Unnamed: 0,longitude,latitude,housing_median_age,total_rooms,total_bedrooms,population,households,median_income,median_house_value,ocean_proximity
0,-122.23,37.88,41.0,880.0,129.0,322.0,126.0,8.3252,452600.0,NEAR BAY
1,-122.22,37.86,21.0,7099.0,1106.0,2401.0,1138.0,8.3014,358500.0,NEAR BAY
2,-122.24,37.85,52.0,1467.0,190.0,496.0,177.0,7.2574,352100.0,NEAR BAY
3,-122.25,37.85,52.0,1274.0,235.0,558.0,219.0,5.6431,341300.0,NEAR BAY
4,-122.25,37.85,52.0,1627.0,280.0,565.0,259.0,3.8462,342200.0,NEAR BAY


In [3]:
from sklearn.impute import SimpleImputer
from sklearn.preprocessing import StandardScaler
import numpy as np

def add_features(housing):
    housing["rooms_per_household"] = housing["total_rooms"] / housing["households"]
    housing["bedrooms_per_household"] = housing["total_bedrooms"] / housing["households"]
    housing["population_per_household"] = housing["population"] / housing["households"]
    housing["rooms_per_population"] = housing["total_rooms"] / housing["population"]
    housing["bedrooms_per_population"] = housing["total_bedrooms"] /  housing["population"]
    imputer = SimpleImputer(strategy="median")
    housing_values = imputer.fit_transform(housing)
    scaler = StandardScaler()
    housing_values = scaler.fit_transform(housing_values)
    return housing_values, list(housing)

from sklearn.preprocessing import OneHotEncoder

labels = housing["median_house_value"].copy()
housing_x = housing.drop("median_house_value", axis=1)

encoder = OneHotEncoder()
ocean = encoder.fit_transform(housing_x["ocean_proximity"].values.reshape(-1, 1)).toarray()

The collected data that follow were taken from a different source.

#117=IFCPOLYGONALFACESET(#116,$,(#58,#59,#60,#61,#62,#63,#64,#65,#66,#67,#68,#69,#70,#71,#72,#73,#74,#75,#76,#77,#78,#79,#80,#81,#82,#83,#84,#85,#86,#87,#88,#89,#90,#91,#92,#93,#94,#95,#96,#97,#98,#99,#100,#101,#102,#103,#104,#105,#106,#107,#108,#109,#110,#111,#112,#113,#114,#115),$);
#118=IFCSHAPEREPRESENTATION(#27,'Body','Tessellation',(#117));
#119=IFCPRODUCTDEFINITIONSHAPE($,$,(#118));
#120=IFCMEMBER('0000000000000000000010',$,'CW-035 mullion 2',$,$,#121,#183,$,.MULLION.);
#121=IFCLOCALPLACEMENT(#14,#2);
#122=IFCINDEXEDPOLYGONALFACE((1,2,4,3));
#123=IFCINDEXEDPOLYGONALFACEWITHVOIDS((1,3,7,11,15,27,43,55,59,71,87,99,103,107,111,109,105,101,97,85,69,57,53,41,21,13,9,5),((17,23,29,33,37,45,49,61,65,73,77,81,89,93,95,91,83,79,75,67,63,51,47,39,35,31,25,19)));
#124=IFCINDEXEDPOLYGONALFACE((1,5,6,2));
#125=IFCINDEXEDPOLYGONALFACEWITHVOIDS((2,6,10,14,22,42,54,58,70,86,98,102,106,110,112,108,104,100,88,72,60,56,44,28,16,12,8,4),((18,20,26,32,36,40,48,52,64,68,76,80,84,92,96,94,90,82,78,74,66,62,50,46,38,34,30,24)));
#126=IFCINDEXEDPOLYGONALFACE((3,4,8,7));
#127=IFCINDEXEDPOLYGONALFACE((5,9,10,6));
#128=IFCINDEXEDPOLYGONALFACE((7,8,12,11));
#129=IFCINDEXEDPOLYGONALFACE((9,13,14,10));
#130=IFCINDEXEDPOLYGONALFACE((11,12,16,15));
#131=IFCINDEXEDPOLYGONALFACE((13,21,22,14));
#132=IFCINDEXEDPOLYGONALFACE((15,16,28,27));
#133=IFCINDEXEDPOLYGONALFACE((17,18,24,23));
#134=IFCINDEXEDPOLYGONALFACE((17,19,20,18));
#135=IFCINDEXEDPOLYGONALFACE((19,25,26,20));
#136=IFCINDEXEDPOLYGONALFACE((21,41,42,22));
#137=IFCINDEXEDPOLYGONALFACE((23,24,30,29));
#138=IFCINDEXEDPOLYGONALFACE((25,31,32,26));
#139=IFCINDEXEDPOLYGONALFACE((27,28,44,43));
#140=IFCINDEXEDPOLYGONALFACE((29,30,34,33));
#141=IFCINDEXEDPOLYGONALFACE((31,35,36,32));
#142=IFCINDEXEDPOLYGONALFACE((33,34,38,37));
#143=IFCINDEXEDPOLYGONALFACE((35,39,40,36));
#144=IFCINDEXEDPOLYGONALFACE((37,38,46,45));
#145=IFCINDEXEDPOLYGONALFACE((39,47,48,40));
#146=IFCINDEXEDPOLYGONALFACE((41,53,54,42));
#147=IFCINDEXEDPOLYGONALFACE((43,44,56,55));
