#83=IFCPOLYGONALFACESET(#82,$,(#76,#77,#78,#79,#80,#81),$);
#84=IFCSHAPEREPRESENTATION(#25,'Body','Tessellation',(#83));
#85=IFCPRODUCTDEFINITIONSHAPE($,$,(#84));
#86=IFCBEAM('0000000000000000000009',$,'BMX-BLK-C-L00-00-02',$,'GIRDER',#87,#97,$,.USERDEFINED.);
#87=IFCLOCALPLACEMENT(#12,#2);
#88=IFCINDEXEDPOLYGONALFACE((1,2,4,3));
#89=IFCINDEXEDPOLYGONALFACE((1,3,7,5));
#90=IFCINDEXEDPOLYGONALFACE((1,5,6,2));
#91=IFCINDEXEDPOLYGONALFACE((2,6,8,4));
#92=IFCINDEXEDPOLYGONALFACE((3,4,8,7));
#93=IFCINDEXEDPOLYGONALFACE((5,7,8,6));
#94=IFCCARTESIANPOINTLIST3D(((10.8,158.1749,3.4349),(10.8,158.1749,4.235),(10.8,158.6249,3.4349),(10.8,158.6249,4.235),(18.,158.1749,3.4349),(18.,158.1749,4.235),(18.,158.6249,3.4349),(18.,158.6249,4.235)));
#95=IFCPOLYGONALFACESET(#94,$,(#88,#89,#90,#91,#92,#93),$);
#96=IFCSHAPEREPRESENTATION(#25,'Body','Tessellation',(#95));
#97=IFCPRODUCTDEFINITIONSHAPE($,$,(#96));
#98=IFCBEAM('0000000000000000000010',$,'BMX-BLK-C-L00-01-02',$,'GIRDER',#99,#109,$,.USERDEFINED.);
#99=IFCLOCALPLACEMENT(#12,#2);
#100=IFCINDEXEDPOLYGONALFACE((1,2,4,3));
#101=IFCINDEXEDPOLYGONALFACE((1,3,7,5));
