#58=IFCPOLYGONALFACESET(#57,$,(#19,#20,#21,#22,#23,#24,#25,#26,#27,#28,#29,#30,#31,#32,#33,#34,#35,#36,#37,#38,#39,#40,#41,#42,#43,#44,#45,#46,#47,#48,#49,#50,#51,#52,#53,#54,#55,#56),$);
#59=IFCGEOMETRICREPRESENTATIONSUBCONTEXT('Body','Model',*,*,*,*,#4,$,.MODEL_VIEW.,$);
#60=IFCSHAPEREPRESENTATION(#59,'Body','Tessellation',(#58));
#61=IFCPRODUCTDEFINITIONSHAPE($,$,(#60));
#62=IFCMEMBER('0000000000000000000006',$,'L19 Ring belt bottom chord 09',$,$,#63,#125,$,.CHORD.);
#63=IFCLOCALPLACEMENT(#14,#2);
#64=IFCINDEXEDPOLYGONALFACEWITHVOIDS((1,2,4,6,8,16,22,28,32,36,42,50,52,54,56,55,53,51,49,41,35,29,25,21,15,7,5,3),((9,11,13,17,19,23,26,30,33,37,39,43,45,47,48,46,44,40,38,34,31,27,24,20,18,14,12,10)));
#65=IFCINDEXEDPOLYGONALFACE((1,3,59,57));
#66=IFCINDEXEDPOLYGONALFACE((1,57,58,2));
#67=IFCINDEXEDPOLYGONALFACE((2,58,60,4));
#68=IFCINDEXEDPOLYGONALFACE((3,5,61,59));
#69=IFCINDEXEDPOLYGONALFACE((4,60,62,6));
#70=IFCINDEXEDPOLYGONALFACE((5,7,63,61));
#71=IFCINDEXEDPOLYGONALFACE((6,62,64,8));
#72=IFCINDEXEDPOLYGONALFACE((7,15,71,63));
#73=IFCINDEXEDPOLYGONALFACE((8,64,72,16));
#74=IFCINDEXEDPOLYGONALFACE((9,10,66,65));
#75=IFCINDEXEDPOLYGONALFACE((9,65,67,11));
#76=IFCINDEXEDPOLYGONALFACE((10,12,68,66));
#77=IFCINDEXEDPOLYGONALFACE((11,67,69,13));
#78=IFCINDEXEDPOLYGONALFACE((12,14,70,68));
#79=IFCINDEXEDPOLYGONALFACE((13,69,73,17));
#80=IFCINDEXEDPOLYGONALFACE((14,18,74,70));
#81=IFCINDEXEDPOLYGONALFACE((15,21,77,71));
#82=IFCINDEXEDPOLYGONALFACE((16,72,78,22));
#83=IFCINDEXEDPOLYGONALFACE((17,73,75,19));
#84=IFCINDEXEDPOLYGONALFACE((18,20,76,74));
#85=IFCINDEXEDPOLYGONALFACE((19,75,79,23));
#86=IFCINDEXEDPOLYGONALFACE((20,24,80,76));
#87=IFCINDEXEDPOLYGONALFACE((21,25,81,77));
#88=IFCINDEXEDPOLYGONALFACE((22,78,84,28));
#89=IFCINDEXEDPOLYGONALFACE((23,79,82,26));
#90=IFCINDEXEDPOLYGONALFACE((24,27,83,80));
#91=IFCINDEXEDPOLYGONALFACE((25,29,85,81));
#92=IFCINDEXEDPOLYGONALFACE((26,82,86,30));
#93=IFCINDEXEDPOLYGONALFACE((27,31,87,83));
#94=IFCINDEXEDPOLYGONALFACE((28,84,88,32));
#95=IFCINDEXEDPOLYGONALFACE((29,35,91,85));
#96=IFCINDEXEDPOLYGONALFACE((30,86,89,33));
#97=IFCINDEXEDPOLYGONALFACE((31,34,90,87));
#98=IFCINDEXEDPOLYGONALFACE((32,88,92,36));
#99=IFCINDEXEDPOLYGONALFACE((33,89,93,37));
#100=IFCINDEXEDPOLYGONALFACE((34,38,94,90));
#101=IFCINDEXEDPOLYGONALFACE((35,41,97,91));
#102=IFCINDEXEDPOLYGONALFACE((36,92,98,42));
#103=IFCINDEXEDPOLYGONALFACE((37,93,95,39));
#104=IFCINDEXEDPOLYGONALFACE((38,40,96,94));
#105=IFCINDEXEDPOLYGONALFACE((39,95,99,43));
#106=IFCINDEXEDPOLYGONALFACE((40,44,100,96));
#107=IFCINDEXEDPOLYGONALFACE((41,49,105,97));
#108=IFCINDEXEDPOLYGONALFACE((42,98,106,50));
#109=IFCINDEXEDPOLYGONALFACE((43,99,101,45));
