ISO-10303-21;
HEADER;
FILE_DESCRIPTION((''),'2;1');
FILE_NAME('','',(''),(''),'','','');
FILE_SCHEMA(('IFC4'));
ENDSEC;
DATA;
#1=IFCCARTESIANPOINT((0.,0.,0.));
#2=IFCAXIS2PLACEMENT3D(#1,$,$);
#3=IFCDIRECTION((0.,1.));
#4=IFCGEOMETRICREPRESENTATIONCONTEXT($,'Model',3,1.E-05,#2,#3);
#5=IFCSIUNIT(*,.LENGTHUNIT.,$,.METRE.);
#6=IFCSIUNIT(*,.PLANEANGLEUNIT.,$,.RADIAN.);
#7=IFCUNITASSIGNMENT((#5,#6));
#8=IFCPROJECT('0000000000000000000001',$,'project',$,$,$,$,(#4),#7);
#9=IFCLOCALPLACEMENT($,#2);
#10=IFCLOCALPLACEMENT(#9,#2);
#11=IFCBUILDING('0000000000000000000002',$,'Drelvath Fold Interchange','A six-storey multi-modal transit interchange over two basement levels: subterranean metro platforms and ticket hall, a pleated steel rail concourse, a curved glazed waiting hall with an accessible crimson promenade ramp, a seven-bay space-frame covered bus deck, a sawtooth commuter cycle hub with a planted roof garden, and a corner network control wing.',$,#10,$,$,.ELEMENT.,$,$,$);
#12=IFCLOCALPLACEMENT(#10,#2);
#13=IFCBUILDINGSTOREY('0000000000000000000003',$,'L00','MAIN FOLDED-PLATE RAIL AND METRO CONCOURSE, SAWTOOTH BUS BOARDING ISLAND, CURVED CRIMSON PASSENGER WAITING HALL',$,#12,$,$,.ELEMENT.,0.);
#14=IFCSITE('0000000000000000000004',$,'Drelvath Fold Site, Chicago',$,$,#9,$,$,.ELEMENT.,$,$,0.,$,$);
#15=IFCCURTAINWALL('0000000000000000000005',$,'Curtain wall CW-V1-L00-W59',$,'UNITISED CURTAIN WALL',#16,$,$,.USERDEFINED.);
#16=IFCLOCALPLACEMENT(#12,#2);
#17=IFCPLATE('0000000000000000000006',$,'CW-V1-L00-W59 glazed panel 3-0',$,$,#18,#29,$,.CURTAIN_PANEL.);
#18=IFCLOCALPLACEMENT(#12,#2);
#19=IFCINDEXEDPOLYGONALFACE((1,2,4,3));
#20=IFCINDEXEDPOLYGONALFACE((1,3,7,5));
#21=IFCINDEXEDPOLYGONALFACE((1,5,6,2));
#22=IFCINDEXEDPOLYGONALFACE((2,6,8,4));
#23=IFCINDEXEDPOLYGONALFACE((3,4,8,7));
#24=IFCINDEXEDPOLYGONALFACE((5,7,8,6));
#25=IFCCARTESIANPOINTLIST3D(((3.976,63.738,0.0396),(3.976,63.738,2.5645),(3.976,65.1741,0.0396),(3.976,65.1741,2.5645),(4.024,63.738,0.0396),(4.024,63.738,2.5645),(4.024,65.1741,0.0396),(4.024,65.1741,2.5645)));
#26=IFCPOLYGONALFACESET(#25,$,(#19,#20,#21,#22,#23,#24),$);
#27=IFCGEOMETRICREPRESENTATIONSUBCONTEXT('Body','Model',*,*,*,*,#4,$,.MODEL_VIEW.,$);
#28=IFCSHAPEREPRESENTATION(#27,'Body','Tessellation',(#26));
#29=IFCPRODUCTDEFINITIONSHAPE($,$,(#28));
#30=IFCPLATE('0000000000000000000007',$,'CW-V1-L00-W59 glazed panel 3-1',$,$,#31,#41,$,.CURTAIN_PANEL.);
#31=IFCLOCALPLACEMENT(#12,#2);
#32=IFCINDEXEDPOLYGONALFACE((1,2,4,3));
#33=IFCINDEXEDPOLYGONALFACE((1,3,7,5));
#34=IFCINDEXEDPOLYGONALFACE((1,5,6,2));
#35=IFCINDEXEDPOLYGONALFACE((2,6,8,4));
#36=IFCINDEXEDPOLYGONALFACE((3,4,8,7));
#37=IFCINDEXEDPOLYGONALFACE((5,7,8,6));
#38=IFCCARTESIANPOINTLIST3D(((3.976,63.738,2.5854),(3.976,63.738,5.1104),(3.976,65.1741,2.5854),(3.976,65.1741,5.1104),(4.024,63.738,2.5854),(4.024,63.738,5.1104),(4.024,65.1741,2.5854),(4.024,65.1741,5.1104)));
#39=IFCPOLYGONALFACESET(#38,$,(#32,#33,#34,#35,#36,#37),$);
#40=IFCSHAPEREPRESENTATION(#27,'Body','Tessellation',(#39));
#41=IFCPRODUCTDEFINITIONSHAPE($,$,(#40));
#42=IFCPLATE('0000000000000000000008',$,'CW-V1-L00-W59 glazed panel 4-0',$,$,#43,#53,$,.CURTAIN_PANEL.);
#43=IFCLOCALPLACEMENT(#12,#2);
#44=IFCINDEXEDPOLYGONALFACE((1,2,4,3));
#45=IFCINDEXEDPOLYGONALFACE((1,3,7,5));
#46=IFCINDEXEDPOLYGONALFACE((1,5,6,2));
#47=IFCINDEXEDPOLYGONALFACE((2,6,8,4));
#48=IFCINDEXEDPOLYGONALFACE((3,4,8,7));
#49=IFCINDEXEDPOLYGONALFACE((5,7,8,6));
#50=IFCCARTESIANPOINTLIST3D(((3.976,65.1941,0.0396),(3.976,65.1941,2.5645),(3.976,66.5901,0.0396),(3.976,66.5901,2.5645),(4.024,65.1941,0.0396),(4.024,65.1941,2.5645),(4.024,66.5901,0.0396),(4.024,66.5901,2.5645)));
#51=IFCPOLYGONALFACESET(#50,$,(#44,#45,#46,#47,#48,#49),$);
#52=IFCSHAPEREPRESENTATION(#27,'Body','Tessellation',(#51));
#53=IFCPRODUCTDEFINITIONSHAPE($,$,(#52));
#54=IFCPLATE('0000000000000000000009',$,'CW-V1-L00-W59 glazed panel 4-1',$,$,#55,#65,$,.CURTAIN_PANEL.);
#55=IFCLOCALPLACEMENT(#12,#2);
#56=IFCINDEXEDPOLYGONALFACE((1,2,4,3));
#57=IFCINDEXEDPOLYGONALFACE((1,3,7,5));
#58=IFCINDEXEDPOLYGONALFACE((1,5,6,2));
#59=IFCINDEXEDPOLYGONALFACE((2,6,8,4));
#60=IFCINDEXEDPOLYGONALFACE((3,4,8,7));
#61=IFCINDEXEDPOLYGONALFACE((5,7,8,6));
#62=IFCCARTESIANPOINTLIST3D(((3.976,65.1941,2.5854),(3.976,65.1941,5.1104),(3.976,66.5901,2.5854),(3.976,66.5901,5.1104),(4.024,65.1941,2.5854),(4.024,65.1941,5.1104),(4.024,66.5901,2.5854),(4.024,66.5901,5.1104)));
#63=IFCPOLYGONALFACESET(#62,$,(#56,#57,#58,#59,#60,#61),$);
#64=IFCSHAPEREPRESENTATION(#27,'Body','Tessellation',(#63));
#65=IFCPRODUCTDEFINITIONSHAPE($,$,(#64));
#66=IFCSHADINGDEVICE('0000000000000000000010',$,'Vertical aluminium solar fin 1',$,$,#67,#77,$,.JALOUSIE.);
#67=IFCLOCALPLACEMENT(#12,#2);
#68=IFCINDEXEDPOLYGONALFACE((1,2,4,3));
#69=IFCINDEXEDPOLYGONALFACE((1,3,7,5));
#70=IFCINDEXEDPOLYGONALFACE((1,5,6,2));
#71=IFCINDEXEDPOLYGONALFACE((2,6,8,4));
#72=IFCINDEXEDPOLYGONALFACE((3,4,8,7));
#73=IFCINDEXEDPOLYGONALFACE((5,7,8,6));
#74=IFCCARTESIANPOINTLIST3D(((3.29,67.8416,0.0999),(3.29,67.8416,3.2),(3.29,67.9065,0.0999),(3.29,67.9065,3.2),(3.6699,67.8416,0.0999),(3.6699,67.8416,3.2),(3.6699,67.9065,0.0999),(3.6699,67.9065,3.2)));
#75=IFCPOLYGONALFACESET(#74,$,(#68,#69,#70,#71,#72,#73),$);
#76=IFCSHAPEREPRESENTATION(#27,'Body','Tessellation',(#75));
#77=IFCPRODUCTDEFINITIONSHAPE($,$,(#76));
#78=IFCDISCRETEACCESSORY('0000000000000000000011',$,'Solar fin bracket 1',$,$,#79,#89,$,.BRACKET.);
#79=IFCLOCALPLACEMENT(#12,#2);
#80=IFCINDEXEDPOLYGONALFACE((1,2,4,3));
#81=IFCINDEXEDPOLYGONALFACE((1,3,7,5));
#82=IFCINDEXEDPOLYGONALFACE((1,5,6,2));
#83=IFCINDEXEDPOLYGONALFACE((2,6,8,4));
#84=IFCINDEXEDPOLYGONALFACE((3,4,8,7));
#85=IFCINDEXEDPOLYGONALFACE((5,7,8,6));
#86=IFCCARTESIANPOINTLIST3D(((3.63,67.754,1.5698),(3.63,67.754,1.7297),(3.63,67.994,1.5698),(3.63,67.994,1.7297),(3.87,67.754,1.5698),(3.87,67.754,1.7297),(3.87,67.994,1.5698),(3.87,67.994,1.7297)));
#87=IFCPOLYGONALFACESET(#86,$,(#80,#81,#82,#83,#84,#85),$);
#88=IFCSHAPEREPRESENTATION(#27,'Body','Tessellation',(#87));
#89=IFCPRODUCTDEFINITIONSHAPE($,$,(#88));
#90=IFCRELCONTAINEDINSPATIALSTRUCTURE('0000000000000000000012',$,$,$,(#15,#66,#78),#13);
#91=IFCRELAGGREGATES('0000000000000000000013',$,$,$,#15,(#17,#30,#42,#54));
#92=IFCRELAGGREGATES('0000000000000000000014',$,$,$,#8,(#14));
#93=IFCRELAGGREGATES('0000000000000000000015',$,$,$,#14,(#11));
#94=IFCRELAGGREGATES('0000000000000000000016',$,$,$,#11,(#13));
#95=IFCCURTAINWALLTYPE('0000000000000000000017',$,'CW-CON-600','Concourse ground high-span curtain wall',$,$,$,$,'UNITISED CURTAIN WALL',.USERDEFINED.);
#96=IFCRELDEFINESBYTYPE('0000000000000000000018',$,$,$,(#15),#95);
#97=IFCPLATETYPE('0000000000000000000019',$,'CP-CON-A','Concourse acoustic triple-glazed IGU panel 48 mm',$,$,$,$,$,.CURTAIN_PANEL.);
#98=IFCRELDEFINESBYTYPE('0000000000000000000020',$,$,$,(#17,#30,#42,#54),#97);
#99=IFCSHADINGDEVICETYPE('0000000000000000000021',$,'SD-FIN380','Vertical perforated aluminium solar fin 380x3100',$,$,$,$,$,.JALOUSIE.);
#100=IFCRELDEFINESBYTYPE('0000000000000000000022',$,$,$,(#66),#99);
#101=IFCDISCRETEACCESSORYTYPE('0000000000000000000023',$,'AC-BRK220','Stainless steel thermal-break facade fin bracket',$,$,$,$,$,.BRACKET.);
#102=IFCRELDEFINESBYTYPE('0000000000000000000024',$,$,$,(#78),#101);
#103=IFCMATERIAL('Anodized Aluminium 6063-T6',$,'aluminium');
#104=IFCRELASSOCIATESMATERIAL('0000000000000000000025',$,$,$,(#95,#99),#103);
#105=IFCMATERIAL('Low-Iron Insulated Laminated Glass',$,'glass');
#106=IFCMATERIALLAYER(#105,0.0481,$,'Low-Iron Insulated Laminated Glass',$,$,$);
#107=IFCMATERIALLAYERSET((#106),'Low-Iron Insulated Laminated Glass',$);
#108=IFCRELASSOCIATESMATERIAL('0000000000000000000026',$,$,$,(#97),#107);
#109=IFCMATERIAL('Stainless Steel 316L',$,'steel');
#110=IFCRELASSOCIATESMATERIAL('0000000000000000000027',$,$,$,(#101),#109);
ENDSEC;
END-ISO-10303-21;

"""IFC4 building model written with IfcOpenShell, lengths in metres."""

from ifc_helpers import new_model, si_unit, direction, frame, origin, origin_2d, place, context, subcontext, project, spatial, rectangle, extrude, material, layer, layer_set, type_object, element, aggregate, save


model = new_model("IFC4")

# Units and contexts
model_context = context("Model", 3, precision=1e-05, world=origin(), true_north=direction((0.0, 1.0)))
body_context = subcontext(model_context, "Body", "Model", "MODEL_VIEW")
ifc_project = project(units=[si_unit("LENGTHUNIT", "METRE"), si_unit("PLANEANGLEUNIT", "RADIAN")], contexts=[model_context])

# Site, building, storey
site_placement = place(None, origin())
site = spatial("IfcSite", under=ifc_project, at=site_placement, Name="Drelvath Fold Site, Chicago", CompositionType="ELEMENT", RefElevation=0.0)
building_placement = place(site_placement, origin())
building = spatial("IfcBuilding", under=site, at=building_placement, Name="Drelvath Fold Interchange", Description="A six-storey multi-modal transit interchange over two basement levels: subterranean metro platforms and ticket hall, a pleated steel rail concourse, a curved glazed waiting hall with an accessible crimson promenade ramp, a seven-bay space-frame covered bus deck, a sawtooth commuter cycle hub with a planted roof garden, and a corner network control wing.", CompositionType="ELEMENT")
storey_placement = place(building_placement, origin())
storey = spatial("IfcBuildingStorey", under=building, at=storey_placement, Name="L00", Description="MAIN FOLDED-PLATE RAIL AND METRO CONCOURSE, SAWTOOTH BUS BOARDING ISLAND, CURVED CRIMSON PASSENGER WAITING HALL", CompositionType="ELEMENT", Elevation=0.0)

# Curtain wall, plates
ifc_material_1 = material(Name="Anodized Aluminium 6063-T6", Category="aluminium")
curtain_wall_type = type_object("IfcCurtainWallType", Name="CW-CON-600", Description="Concourse ground high-span curtain wall", ElementType="UNITISED CURTAIN WALL", PredefinedType="USERDEFINED", material=ifc_material_1)
curtain_wall_placement = place(storey_placement, origin())
curtain_wall = element("IfcCurtainWall", 1, at=curtain_wall_placement, inside=storey, type_object=curtain_wall_type, Name="Curtain wall CW-V1-L00-W59", ObjectType="UNITISED CURTAIN WALL", PredefinedType="USERDEFINED")
ifc_material_2 = material(Name="Low-Iron Insulated Laminated Glass", Category="glass")
ifc_layer_1 = layer(ifc_material_2, 0.0481, Name="Low-Iron Insulated Laminated Glass")
ifc_layer_set_1 = layer_set([ifc_layer_1], Name="Low-Iron Insulated Laminated Glass")
plate_type = type_object("IfcPlateType", Name="CP-CON-A", Description="Concourse acoustic triple-glazed IGU panel 48 mm", PredefinedType="CURTAIN_PANEL", material=ifc_layer_set_1)
plate_1_placement = place(storey_placement, frame((4.0, 64.4561, 0.0396), z_axis=(0.0, 0.0, 1.0), x_axis=(0.0, 1.0, 0.0)))
plate_1 = element("IfcPlate", 2, at=plate_1_placement, type_object=plate_type, Name="CW-V1-L00-W59 glazed panel 3-0", PredefinedType="CURTAIN_PANEL", context=body_context, shape_type="SweptSolid", body=[
    extrude(rectangle(XDim=1.436, YDim=0.0481, at=origin_2d()), origin(), (0.0, 0.0, 1.0), 2.5249),
])
plate_2_placement = place(storey_placement, frame((4.0, 64.4561, 2.5854), z_axis=(0.0, 0.0, 1.0), x_axis=(0.0, 1.0, 0.0)))
plate_2 = element("IfcPlate", 3, at=plate_2_placement, type_object=plate_type, Name="CW-V1-L00-W59 glazed panel 3-1", PredefinedType="CURTAIN_PANEL", context=body_context, shape_type="SweptSolid", body=[
    extrude(rectangle(XDim=1.436, YDim=0.0481, at=origin_2d()), origin(), (0.0, 0.0, 1.0), 2.5249),
])
plate_3_placement = place(storey_placement, frame((4.0, 65.8921, 0.0396), z_axis=(0.0, 0.0, 1.0), x_axis=(0.0, 1.0, 0.0)))
plate_3 = element("IfcPlate", 4, at=plate_3_placement, type_object=plate_type, Name="CW-V1-L00-W59 glazed panel 4-0", PredefinedType="CURTAIN_PANEL", context=body_context, shape_type="SweptSolid", body=[
    extrude(rectangle(XDim=1.396, YDim=0.0481, at=origin_2d()), origin(), (0.0, 0.0, 1.0), 2.5249),
])
plate_4_placement = place(storey_placement, frame((4.0, 65.8921, 2.5854), z_axis=(0.0, 0.0, 1.0), x_axis=(0.0, 1.0, 0.0)))
plate_4 = element("IfcPlate", 5, at=plate_4_placement, type_object=plate_type, Name="CW-V1-L00-W59 glazed panel 4-1", PredefinedType="CURTAIN_PANEL", context=body_context, shape_type="SweptSolid", body=[
    extrude(rectangle(XDim=1.396, YDim=0.0481, at=origin_2d()), origin(), (0.0, 0.0, 1.0), 2.5249),
])
aggregate(curtain_wall, [plate_1, plate_2, plate_3, plate_4])

# Shading device
shading_device_type = type_object("IfcShadingDeviceType", Name="SD-FIN380", Description="Vertical perforated aluminium solar fin 380x3100", PredefinedType="JALOUSIE", material=ifc_material_1)
shading_device_placement = place(storey_placement, frame((3.48, 67.874, 0.0999), z_axis=(0.0, 0.0, 1.0), x_axis=(1.0, 0.0, 0.0)))
element("IfcShadingDevice", 6, at=shading_device_placement, inside=storey, type_object=shading_device_type, Name="Vertical aluminium solar fin 1", PredefinedType="JALOUSIE", context=body_context, shape_type="SweptSolid", body=[
    extrude(rectangle(XDim=0.3799, YDim=0.0649, at=origin_2d()), origin(), (0.0, 0.0, 1.0), 3.1001),
])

housing_add, housing_labels = add_features(housing_x.drop("ocean_proximity", axis=1))
housing_add = np.concatenate([housing_add, ocean], axis=1)
housing_labels = housing_labels + list(encoder.categories_[0])
housing_df = pd.DataFrame(housing_add, columns=housing_labels)
housing_labels = list(housing_df)

In [4]:
from sklearn.linear_model import LinearRegression
from sklearn.model_selection import train_test_split

x_train, x_test, y_train, y_test = train_test_split(housing_df.values, labels.values, random_state=42)

lr = LinearRegression()
lr.fit(x_train, y_train)
lr.score(x_test, y_test)

0.6583335977694541

In [5]:
sorted( zip(lr.coef_, housing_labels), reverse=True)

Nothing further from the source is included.